AFP, Zurich :
FIFA president Sepp Blatter on Friday strengthened expectations that he will soon announce his bid for a fifth term as the head of global football.
“I want to do this, because things aren’t over yet. My mandate is running out, but my mission is not finished,” the 78- year-old was quoted as saying by the Swiss tabloid Blick.
Blatter is widely expected to announce his formal candidacy at the FIFA Congress, before the World Cup, in the Brazilian city of Sao Paulo.
In response to the new reports, FIFA stressed that Blatter’s plan was still to ask the 209 national associations in world body at the congress whether they want him to run again.
The election will be held in 2015.
Blick said Blatter’s comments came in response to questions about his future during a debate it organised in Zurich.
Blatter has been FIFA’s president since 1998. He joined football’s governing body in 1975 and was its secretary general before succeeding Brazilian Joao Havelange as president.
Blatter has previously been guarded about his plans for a new term.
In February, he told Swiss public broadcaster RTS that he “wouldn’t say no” to a new mandate.

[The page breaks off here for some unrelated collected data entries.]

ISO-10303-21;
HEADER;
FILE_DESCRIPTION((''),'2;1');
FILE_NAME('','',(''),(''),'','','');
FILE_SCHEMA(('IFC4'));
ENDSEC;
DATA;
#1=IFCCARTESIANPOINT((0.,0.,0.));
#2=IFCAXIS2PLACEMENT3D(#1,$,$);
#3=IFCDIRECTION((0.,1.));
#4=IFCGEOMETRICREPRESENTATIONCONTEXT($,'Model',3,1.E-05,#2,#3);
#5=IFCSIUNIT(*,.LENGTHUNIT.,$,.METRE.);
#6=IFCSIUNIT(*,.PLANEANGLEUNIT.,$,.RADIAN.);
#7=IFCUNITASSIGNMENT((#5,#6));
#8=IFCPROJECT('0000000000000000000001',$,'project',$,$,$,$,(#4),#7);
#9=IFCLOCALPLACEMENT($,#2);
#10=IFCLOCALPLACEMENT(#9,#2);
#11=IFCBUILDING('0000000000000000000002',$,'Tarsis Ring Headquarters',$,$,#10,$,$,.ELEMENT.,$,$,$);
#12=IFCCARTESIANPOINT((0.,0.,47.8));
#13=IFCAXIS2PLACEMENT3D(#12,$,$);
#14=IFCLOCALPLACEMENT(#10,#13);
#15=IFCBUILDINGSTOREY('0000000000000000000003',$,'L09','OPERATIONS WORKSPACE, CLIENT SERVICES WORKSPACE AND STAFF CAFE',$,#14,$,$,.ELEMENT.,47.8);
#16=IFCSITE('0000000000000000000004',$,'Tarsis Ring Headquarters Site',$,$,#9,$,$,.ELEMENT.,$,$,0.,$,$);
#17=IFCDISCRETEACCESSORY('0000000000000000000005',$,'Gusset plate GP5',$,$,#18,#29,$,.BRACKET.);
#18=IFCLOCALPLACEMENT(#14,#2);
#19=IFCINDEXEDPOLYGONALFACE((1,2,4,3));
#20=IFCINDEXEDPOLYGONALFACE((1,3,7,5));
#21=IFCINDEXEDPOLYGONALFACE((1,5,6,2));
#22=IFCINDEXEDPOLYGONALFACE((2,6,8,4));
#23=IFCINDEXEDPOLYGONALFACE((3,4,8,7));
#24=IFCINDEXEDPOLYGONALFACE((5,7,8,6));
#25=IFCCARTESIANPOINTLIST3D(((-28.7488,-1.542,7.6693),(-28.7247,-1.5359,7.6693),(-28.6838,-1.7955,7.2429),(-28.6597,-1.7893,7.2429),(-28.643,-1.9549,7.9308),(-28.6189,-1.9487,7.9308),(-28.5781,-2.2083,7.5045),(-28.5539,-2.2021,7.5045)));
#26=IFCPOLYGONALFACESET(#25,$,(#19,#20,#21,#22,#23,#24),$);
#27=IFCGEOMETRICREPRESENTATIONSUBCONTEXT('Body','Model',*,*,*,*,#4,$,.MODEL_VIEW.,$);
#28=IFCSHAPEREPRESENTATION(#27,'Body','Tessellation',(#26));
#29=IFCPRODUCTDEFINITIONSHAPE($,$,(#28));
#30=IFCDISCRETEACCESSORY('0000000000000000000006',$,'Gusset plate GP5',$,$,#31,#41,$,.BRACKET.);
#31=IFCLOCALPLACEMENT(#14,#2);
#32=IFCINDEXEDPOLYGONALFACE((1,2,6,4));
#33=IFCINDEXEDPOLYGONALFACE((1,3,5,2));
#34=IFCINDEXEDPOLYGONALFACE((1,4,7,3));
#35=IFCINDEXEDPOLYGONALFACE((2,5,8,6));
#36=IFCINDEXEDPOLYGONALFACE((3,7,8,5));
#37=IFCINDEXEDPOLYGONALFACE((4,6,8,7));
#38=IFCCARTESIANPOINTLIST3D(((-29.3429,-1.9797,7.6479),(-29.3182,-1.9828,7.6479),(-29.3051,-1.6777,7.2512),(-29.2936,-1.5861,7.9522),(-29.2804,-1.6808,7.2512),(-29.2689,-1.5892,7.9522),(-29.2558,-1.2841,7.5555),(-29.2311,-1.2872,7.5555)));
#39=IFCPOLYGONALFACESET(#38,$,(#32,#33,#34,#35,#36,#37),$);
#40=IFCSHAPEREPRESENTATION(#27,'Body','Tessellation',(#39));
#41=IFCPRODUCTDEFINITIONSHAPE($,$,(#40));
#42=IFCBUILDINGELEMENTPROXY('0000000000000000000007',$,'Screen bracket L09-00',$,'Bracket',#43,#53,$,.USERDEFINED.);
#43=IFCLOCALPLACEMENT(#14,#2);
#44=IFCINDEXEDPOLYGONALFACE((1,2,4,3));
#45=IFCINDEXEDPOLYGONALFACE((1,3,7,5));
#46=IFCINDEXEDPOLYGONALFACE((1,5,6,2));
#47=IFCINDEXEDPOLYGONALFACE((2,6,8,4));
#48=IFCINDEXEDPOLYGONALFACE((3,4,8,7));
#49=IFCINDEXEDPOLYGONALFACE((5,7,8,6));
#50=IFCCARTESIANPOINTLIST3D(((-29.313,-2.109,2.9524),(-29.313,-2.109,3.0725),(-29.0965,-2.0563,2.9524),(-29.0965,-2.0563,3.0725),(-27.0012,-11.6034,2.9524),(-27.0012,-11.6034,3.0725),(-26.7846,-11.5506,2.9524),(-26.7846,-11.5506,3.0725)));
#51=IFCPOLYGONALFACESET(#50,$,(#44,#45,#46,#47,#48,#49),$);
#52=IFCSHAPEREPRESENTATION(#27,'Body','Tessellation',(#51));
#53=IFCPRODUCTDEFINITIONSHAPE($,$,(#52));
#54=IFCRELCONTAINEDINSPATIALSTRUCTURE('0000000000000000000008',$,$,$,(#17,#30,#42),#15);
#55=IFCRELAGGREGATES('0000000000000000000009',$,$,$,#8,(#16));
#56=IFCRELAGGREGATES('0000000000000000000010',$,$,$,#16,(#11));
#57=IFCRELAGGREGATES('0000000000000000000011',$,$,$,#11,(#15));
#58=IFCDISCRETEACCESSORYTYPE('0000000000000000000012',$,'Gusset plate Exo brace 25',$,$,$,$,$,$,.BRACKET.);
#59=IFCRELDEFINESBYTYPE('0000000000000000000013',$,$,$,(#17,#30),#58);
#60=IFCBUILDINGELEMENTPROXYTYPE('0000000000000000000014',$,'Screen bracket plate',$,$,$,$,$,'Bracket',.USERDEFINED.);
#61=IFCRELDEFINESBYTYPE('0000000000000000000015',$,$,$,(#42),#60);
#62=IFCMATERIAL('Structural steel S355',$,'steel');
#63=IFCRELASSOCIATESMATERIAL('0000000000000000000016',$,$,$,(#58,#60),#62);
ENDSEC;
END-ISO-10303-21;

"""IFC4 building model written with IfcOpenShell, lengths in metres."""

from ifc_helpers import new_model, si_unit, direction, frame, origin, origin_2d, place, context, subcontext, project, spatial, rectangle, extrude, material, material_profile, profile_set, type_object, element, save


model = new_model("IFC4")

# Units and contexts
model_context = context("Model", 3, precision=1e-05, world=origin(), true_north=direction((0.0, 1.0)))
body_context = subcontext(model_context, "Body", "Model", "MODEL_VIEW")
ifc_project = project(units=[si_unit("LENGTHUNIT", "METRE"), si_unit("PLANEANGLEUNIT", "RADIAN")], contexts=[model_context])

# Site, building, storey
site_placement = place(None, origin())
site = spatial("IfcSite", under=ifc_project, at=site_placement, Name="Tarsis Ring Headquarters Site", CompositionType="ELEMENT", RefElevation=0.0)
building_placement = place(site_placement, origin())
building = spatial("IfcBuilding", under=site, at=building_placement, Name="Tarsis Ring Headquarters", CompositionType="ELEMENT")
storey_placement = place(building_placement, frame((0.0, 0.0, 47.8)))
storey = spatial("IfcBuildingStorey", under=building, at=storey_placement, Name="L09", Description="OPERATIONS WORKSPACE, CLIENT SERVICES WORKSPACE AND STAFF CAFE", CompositionType="ELEMENT", Elevation=47.8)

# Shared definitions
ifc_material_1 = material(Name="Structural steel S355", Category="steel")

# Discrete accessories
ifc_material_profile_1 = material_profile(ifc_material_1, rectangle(XDim=0.0249, YDim=0.5, at=origin_2d()), Name="PL 25x500")
ifc_profile_set_1 = profile_set([ifc_material_profile_1], Name="Structural steel S355")
discrete_accessory_type = type_object("IfcDiscreteAccessoryType", Name="Gusset plate Exo brace 25", PredefinedType="BRACKET", material=ifc_profile_set_1)
discrete_accessory_1_placement = place(storey_placement, frame((-28.6838, -1.7454, 7.8), z_axis=(0.129845, -0.50669, -0.852294), x_axis=(0.968698, 0.248241, 0.0)))
element("IfcDiscreteAccessory", 1, at=discrete_accessory_1_placement, inside=storey, type_object=discrete_accessory_type, Name="Gusset plate GP5", PredefinedType="BRACKET", context=body_context, shape_type="SweptSolid", body=[
    extrude(rectangle(XDim=0.0249, YDim=0.5, at=origin_2d()), origin(), (0.0, 0.0, 1.0), 0.5002),
])
discrete_accessory_2_placement = place(storey_placement, frame((-29.3059, -1.7844, 7.8), z_axis=(0.075679, 0.603967, -0.793408), x_axis=(-0.992241, 0.124331, 0.0)))
element("IfcDiscreteAccessory", 2, at=discrete_accessory_2_placement, inside=storey, type_object=discrete_accessory_type, Name="Gusset plate GP5", PredefinedType="BRACKET", context=body_context, shape_type="SweptSolid", body=[
    extrude(rectangle(XDim=0.0249, YDim=0.5, at=origin_2d()), origin(), (0.0, 0.0, 1.0), 0.5),
])

# Building element proxy
building_element_proxy_type = type_object("IfcBuildingElementProxyType", Name="Screen bracket plate", ElementType="Bracket", PredefinedType="USERDEFINED", material=ifc_material_1)
proxy_placement = place(storey_placement, frame((-28.0488, -6.8298, 2.9524), z_axis=(0.0, 0.0, 1.0), x_axis=(0.236583, -0.971611, 0.0)))
element("IfcBuildingElementProxy", 3, at=proxy_placement, inside=storey, type_object=building_element_proxy_type, Name="Screen bracket L09-00", ObjectType="Bracket", PredefinedType="USERDEFINED", context=body_context, shape_type="SweptSolid", body=[
    extrude(rectangle(XDim=9.7717, YDim=0.2229, at=origin_2d()), origin(), (0.0, 0.0, 1.0), 0.1201),
])

save(model, "model.ifc")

“If I’m in good health, and I currently am, I don’t see why I should stop work, and especially the job of consolidating FIFA,” he said then.
The only candidate to have entered the race formally so far is Frenchman Jerome Champagne, an ex-diplomat and former secretary general of FIFA, who left the organisation in 2010.
Champagne, 55, has said that if his former boss Blatter enters the race, he will pull out.
Michel Platini, head of European governing body UEFA, who has crossed swords with Blatter over his running of FIFA, is another potential candidate.
The 58-year-old French football legend said recently that he was the only only person who can beat Blatter.
But Platini, in charge of UEFA since 2007, has still not said whether he will run in the election.
Platini has said he will announce his decision in the second half of the year after seeing any reaction to Blatter’s decision.
During the Blick debate, Blatter played down concerns about preparations for the World Cup in Brazil which runs from June 12 to July 13.
The Brazilian organisers have faced repeated criticism, and FIFA secretary general Jerome Valcke this week said that the governing body had “been through hell” over the football showcase.
There have been nerve-wracking delays to the completion of stadiums, which forced FIFA to extend its deadline to hand over facilities, and concerns over social protest.
But Blatter insisted that he took things in his stride.
“This is my tenth World Cup. My first was in 1978. Brazil is going to be something huge, really outstanding,” he said.
He reminded his audience that fears had reached fever pitch
ahead of the 2010 World Cup in South Africa, notably over its
reputation as a crime hotspot
“Four years ago, ahead of South Africa, people were saying how dangerous it would be at the World Cup. And nothing happened!” Blatter said.
“Nothing is 100 percent ready before any World Cup,” he added.